DNR orders are based on the patient's wishes and their medical condition. They're often appropriate for patients with terminal illnesses or a poor prognosis, where CPR would be unlikely to succeed or would conflict with the patient's goals for care. The purpose is to avoid potentially futile or unwanted interventions at the end of life.

Discussing a DNR order with the healthcare team is important so that everyone involved understands the patient's wishes and the practical implications of the order.

Controversial End-of-Life Practices

Euthanasia

Euthanasia refers to the intentional ending of a person's life to relieve suffering. It's one of the most debated topics in end-of-life ethics, and understanding the different forms is important:

  • Voluntary euthanasia: Carried out at the explicit request of the patient.
  • Non-voluntary euthanasia: Carried out without the patient's consent, typically when the patient is unable to make decisions (e.g., in a persistent vegetative state).
  • Active euthanasia: A deliberate action to end life, such as administering a lethal dose of medication.
  • Passive euthanasia: Withholding or withdrawing life-sustaining treatments, allowing the patient to die from the underlying condition.

Euthanasia is legal in a small number of countries, including the Netherlands and Belgium, but remains illegal in most places. Proponents argue it allows individuals to die with dignity and on their own terms. Opponents raise concerns about potential abuse, coercion of vulnerable patients, and the broader ethical implications of intentionally ending life.

Physician-Assisted Suicide

Physician-assisted suicide (PAS) involves a doctor prescribing a lethal medication that the patient then self-administers.
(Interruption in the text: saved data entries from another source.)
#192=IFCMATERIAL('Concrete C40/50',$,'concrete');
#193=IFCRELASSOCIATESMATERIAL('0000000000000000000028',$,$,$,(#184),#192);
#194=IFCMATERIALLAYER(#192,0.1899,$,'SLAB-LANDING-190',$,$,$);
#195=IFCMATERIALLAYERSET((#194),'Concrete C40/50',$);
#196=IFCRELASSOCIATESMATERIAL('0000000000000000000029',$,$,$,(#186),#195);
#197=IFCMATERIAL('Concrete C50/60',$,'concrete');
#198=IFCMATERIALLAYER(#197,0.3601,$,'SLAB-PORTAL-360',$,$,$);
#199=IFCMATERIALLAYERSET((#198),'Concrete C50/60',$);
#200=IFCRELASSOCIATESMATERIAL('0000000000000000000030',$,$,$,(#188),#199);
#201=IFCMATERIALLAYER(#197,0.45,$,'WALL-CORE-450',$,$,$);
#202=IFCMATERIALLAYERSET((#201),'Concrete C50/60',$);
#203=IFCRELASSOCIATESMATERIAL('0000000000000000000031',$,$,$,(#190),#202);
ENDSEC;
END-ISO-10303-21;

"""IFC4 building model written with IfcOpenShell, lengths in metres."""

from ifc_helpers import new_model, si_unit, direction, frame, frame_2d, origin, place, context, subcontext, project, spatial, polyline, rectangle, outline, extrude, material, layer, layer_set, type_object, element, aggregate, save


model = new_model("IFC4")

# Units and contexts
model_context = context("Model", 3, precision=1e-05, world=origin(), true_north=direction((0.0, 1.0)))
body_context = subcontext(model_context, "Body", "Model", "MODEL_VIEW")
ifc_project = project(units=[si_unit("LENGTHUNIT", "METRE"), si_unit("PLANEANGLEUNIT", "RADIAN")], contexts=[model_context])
The critical distinction from euthanasia is that in PAS, the patient takes the final action, not the physician.

PAS is typically available only to terminally ill patients who are mentally competent and have made repeated, documented requests. It's legal in several U.S. states (Oregon and Washington were among the first) and in countries like Switzerland and Canada. Where it is legal, strict guidelines and safeguards exist to prevent abuse and protect patient autonomy.

Both euthanasia and PAS raise deep ethical, legal, and social questions. They sit at the intersection of three core bioethical principles:

  • Autonomy: A person's right to make decisions about their own body and death.
  • Beneficence: The obligation to act in the patient's best interest, including relieving suffering.
  • Non-maleficence: The obligation to "do no harm," which some interpret as prohibiting the intentional ending of life.

These tensions don't have easy answers, and they remain actively debated in psychology, medicine, law, and public policy.